Polish Supreme Court judgment
dated 11 April 2002
Case No. III CKN 492/01
Summary by arbitraz.laszczuk.pl:
Under a gas supply agreement, an individual (Norbert K.) filed a claim before an ad hoc arbitration court against a registered partnership and a partner, a limited-liability company (B. sp. z o.o.), and in 2000 the arbitration court issued an award for Norbert K. for over PLN 600,000 in contractual penalties.
The partnership filed a petition with the regional court to set aside the award, alleging that the award violated public policy because the amount of the contractual penalties was excessive. The court found no violation and denied the petition. The appellate court affirmed.
On cassation appeal, the Supreme Court held that the arbitral tribunal’s failure to reduce excessive contractual penalties pursuant to Civil Code 484 §2 could result in an award that violated public policy. The court thus reversed the judgment below and remanded the case to the appellate court for reconsideration.

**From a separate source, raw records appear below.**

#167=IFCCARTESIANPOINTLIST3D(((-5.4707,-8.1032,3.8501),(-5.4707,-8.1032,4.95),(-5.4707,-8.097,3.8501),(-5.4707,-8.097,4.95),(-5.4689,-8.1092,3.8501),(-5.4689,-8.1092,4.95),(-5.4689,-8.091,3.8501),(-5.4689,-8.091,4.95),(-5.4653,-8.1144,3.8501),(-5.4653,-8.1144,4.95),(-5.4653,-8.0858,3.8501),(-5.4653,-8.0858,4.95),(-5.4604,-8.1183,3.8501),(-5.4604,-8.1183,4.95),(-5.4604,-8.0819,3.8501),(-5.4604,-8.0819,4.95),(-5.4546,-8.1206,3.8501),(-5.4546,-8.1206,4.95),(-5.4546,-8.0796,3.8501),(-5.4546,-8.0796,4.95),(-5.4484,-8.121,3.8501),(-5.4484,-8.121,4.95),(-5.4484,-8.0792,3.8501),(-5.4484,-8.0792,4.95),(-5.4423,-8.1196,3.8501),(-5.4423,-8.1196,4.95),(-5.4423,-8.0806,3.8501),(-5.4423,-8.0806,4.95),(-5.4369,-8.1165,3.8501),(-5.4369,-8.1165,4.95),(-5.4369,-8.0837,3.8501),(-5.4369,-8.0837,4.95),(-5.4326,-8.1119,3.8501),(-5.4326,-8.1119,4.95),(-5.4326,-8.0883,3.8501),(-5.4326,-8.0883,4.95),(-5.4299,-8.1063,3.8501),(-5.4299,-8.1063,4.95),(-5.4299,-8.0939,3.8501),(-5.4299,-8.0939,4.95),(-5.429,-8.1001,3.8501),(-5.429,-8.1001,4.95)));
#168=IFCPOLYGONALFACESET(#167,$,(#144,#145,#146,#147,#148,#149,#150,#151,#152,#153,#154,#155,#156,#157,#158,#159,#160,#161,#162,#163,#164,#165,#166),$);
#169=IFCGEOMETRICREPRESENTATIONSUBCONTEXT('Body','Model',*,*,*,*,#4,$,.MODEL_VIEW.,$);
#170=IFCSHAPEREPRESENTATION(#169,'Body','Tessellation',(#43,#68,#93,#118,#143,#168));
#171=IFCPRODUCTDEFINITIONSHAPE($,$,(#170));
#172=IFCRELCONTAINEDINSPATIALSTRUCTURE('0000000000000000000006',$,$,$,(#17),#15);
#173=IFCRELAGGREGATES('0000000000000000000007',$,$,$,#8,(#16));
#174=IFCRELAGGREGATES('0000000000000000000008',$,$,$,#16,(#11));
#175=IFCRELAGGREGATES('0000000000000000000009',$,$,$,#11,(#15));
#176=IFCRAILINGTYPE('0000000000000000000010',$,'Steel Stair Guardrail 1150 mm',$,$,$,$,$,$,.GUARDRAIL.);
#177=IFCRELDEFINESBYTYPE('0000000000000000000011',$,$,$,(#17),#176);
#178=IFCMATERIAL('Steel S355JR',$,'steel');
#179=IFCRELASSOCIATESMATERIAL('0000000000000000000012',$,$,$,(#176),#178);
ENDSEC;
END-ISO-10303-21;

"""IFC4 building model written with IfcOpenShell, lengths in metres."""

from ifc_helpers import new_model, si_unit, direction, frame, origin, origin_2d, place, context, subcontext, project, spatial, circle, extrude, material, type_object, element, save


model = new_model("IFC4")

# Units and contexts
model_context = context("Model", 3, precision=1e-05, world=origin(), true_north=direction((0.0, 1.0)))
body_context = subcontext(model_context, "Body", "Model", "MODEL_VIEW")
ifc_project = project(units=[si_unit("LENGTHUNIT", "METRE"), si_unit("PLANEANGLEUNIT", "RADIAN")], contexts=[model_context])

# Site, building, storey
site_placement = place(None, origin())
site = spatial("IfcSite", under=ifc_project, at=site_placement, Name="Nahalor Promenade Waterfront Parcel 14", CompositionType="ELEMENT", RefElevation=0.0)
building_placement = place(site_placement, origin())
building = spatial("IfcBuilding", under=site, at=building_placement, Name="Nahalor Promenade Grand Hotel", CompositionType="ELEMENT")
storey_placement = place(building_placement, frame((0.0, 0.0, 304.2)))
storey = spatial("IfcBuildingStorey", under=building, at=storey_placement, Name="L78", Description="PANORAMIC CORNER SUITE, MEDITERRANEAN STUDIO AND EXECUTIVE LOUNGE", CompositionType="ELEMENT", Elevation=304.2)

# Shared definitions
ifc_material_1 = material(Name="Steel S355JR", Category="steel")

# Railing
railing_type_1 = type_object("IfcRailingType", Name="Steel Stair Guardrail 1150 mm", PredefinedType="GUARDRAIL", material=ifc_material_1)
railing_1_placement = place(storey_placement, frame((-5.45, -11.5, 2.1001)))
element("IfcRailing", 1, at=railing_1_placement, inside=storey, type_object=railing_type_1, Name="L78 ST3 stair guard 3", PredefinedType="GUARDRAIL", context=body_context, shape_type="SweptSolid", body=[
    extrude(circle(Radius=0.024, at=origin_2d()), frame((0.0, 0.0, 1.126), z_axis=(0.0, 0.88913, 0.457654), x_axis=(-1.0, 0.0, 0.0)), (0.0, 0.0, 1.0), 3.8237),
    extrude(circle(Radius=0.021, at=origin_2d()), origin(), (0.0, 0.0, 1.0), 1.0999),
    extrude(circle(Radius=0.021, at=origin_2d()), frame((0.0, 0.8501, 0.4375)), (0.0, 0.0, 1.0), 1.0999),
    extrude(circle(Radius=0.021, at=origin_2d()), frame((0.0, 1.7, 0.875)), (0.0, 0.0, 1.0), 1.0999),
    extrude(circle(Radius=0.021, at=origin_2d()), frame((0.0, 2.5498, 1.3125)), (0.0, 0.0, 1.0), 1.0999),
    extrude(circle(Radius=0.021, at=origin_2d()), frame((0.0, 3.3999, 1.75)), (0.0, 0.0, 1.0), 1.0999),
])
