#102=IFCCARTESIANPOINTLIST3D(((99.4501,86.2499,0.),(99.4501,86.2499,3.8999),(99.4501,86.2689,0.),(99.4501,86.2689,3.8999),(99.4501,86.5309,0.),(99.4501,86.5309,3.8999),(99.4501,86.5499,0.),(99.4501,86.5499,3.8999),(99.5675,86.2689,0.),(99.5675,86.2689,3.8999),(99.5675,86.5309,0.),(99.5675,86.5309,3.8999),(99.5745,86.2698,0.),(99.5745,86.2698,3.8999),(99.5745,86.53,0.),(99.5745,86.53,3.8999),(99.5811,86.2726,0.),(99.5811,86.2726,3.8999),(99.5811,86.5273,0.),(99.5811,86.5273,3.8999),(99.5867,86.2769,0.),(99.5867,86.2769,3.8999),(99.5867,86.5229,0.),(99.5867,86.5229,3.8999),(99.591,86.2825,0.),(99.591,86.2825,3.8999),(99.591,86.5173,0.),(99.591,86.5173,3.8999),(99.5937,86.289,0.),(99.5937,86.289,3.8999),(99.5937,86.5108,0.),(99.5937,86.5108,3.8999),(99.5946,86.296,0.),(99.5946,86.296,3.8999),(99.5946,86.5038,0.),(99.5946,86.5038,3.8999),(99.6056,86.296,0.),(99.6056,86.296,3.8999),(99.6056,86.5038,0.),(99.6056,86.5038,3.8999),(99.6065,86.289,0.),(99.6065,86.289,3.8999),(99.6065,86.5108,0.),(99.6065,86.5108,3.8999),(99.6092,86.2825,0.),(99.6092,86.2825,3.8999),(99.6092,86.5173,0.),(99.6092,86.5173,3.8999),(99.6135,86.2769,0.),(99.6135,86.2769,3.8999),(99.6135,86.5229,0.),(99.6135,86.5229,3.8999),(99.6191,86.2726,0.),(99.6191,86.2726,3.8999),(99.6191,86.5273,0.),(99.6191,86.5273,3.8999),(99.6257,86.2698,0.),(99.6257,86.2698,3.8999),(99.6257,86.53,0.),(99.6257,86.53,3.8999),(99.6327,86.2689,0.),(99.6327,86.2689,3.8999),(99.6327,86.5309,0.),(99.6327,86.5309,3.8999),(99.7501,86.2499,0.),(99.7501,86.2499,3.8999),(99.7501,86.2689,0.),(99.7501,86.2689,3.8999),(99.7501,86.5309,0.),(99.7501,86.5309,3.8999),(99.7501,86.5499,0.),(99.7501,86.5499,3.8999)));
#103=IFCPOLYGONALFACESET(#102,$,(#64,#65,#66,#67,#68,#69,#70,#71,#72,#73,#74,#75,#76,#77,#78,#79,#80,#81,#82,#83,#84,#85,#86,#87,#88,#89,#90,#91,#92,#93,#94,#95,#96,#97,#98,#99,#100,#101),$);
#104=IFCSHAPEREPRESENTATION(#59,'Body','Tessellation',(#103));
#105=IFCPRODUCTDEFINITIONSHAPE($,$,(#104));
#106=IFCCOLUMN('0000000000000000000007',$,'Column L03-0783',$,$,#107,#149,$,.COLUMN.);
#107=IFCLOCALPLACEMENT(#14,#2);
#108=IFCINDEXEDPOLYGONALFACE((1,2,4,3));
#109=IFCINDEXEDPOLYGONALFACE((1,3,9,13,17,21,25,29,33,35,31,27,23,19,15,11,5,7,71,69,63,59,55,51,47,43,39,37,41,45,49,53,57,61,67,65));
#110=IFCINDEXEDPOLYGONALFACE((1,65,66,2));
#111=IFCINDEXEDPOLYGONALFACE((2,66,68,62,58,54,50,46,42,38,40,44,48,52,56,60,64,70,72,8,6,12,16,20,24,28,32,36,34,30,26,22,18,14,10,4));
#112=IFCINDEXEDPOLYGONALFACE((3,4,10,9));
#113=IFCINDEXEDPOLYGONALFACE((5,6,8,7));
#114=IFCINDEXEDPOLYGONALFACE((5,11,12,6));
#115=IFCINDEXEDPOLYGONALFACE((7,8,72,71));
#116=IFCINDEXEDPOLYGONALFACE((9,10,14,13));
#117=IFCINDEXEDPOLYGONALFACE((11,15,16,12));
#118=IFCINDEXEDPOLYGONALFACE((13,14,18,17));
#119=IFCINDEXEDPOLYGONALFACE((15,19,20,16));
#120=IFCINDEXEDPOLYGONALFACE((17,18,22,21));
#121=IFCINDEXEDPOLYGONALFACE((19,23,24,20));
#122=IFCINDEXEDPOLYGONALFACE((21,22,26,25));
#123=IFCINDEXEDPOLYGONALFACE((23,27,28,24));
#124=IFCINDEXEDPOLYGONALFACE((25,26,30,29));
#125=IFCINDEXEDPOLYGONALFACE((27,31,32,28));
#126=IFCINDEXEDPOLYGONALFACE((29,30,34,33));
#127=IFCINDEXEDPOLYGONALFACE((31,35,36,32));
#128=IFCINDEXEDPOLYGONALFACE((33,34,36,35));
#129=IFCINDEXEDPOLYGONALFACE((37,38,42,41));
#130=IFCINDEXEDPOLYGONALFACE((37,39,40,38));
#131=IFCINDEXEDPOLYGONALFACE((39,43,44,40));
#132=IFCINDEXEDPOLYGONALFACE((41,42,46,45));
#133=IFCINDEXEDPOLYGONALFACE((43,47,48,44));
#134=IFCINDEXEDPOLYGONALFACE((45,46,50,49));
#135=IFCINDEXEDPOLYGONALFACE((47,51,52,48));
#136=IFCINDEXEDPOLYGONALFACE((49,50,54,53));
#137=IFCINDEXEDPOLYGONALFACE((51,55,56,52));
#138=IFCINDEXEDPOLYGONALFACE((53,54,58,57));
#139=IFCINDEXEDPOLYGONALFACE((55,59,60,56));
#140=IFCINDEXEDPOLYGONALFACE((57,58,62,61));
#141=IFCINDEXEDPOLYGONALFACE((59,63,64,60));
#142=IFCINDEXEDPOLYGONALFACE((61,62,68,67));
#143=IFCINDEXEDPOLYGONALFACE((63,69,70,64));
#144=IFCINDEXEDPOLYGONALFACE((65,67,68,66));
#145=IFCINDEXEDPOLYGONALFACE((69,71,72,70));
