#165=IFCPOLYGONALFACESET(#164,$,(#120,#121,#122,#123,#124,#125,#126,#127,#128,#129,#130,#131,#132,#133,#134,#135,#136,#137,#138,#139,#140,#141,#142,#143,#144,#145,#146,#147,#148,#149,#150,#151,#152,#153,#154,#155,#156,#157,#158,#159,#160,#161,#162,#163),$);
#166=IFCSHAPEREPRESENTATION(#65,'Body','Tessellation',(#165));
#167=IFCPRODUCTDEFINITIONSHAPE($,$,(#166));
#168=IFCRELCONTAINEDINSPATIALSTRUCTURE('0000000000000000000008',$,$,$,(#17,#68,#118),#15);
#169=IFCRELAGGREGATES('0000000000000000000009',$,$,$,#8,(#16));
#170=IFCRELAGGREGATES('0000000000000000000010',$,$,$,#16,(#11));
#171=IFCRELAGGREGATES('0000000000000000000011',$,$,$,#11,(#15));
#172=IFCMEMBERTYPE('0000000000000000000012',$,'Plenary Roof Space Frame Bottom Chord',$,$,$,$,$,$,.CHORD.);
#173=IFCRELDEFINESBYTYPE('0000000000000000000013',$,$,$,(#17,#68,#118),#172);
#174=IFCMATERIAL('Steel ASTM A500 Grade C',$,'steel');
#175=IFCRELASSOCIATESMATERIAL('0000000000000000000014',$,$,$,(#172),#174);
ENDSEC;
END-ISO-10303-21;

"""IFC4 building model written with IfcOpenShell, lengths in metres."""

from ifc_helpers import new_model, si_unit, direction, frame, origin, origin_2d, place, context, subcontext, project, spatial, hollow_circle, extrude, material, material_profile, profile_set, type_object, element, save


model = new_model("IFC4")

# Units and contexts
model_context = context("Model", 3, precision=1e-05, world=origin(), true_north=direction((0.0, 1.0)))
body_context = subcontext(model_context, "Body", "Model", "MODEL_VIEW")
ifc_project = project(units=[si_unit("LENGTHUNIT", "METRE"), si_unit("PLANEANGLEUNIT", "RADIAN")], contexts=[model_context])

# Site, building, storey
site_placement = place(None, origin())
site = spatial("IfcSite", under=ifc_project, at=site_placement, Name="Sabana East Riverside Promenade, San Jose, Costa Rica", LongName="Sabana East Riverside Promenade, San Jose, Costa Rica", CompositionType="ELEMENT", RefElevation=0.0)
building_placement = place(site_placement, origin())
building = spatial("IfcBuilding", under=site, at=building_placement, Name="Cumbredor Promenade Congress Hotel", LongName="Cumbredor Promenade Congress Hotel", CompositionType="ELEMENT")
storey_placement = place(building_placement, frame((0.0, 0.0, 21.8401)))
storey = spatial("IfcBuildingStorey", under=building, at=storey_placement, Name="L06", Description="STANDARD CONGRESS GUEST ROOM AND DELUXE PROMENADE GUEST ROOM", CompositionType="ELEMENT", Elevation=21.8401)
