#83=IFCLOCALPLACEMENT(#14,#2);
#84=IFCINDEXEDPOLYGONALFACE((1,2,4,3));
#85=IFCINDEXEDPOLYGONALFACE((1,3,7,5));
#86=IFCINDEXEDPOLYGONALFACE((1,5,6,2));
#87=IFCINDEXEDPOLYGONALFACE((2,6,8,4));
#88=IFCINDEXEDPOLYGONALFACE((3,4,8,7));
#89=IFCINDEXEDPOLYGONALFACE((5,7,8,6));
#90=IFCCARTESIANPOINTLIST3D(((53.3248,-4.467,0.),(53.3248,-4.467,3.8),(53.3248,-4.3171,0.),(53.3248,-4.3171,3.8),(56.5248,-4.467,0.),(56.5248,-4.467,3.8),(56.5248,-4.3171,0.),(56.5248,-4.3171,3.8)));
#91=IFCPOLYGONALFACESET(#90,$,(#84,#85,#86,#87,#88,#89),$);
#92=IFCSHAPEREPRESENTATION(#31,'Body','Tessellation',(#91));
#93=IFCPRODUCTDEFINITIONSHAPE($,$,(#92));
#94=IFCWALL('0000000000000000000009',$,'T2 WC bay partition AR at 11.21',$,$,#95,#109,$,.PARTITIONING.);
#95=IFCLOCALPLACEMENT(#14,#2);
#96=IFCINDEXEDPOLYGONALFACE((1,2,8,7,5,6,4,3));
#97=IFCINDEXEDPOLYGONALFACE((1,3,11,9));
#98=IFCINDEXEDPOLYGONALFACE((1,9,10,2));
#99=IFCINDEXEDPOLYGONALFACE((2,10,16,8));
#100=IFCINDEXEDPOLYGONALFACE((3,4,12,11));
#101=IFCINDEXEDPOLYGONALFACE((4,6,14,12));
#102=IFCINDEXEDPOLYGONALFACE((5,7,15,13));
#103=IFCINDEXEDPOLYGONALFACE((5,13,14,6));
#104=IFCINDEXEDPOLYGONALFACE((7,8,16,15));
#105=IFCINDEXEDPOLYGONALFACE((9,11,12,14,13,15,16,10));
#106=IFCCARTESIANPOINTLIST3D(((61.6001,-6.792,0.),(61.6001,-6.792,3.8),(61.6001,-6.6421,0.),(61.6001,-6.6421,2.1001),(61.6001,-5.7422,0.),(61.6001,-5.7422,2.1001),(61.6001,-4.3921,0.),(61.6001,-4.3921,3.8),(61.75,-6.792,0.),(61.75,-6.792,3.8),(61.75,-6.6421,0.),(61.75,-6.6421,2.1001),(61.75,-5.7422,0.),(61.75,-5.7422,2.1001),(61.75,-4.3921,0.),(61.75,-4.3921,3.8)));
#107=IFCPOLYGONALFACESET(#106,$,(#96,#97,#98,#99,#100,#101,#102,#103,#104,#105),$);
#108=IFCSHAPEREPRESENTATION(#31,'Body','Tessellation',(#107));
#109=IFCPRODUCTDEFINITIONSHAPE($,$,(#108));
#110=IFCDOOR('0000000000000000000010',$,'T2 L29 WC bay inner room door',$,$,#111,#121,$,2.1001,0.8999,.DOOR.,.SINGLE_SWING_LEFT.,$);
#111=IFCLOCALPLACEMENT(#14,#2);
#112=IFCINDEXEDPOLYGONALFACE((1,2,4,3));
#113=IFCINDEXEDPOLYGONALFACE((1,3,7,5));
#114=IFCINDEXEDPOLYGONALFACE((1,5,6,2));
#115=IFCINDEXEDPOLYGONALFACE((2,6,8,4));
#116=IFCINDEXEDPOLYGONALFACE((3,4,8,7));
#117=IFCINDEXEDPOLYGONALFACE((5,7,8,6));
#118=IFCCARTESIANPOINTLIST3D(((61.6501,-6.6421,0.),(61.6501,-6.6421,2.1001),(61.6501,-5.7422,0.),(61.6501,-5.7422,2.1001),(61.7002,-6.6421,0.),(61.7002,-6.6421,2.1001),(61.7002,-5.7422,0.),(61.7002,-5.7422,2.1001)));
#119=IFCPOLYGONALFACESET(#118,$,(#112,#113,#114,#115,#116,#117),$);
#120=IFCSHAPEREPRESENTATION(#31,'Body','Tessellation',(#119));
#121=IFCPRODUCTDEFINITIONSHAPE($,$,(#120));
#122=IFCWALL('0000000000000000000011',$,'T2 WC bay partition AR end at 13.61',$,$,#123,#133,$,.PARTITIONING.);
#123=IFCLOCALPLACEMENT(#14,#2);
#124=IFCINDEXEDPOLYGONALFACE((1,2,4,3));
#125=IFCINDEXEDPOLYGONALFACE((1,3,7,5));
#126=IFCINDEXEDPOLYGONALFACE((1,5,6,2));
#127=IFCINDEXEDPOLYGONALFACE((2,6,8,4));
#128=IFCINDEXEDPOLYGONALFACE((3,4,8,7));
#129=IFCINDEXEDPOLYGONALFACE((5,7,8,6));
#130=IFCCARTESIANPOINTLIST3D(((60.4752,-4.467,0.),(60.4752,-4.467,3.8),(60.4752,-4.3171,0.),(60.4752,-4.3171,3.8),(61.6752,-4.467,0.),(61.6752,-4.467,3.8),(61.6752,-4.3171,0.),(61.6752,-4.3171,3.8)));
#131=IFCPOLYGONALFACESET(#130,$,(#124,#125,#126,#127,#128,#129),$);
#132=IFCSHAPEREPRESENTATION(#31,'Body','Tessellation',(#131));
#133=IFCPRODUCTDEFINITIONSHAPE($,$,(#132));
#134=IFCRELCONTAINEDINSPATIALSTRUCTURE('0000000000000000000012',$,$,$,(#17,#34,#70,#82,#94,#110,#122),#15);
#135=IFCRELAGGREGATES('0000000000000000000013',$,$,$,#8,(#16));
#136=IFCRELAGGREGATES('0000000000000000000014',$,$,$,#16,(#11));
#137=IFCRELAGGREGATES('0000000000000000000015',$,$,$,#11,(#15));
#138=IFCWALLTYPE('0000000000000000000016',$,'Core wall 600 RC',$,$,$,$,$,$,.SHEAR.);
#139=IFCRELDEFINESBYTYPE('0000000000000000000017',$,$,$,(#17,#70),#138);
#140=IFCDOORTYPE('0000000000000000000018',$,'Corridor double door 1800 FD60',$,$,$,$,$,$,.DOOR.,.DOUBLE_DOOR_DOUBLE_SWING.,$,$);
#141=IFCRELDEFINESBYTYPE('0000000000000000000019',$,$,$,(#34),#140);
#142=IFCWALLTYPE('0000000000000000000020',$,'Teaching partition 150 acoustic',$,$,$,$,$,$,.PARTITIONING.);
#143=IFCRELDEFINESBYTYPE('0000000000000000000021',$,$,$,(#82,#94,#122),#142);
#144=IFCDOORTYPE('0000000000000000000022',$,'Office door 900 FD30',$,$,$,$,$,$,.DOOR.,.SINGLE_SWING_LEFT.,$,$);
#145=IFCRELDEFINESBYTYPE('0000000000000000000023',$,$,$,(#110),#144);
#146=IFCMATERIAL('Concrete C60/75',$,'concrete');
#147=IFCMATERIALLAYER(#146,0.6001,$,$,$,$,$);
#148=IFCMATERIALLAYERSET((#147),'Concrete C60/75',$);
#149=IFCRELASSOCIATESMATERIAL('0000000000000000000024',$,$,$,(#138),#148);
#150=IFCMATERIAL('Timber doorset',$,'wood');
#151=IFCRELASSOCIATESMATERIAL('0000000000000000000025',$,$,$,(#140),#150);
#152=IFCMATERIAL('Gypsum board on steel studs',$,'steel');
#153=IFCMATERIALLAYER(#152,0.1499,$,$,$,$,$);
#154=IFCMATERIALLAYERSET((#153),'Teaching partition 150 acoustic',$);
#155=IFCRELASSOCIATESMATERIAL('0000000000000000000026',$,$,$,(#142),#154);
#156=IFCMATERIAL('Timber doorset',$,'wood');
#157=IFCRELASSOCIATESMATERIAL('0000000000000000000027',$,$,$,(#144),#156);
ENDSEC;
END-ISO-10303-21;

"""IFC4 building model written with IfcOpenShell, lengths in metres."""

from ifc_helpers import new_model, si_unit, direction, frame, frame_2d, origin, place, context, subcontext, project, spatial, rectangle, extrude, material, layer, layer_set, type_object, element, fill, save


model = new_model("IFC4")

Excerpts from the text of the court’s ruling:
1. It follows from the nature of a petition to set aside an arbitration award that the state court with jurisdiction to hear the petition may not consider the merits of the dispute, because in deciding the case and issuing its ruling, the arbitration court is not bound by substantive or procedural law, so long as it does not violate the rule of law or principles of [social] coexistence. This means that the state court will not examine whether the arbitration award is consistent with substantive law or is justified by the facts found in the award, or whether such facts were correctly determined. The state court considers the case only in terms of the grounds for setting aside the award, which are exhaustively listed in Civil Procedure Code Art. 712.
2. The failure by the arbitration court to reduce a contractual penalty, in violation of Civil Code Art. 484 §2, may constitute justified grounds for setting aside an arbitration award, if the awards results in a resolution that clearly conflicts with principles of social coexistence. An arbitration award assessing a clearly grossly excessive contractual penalty violates such principles.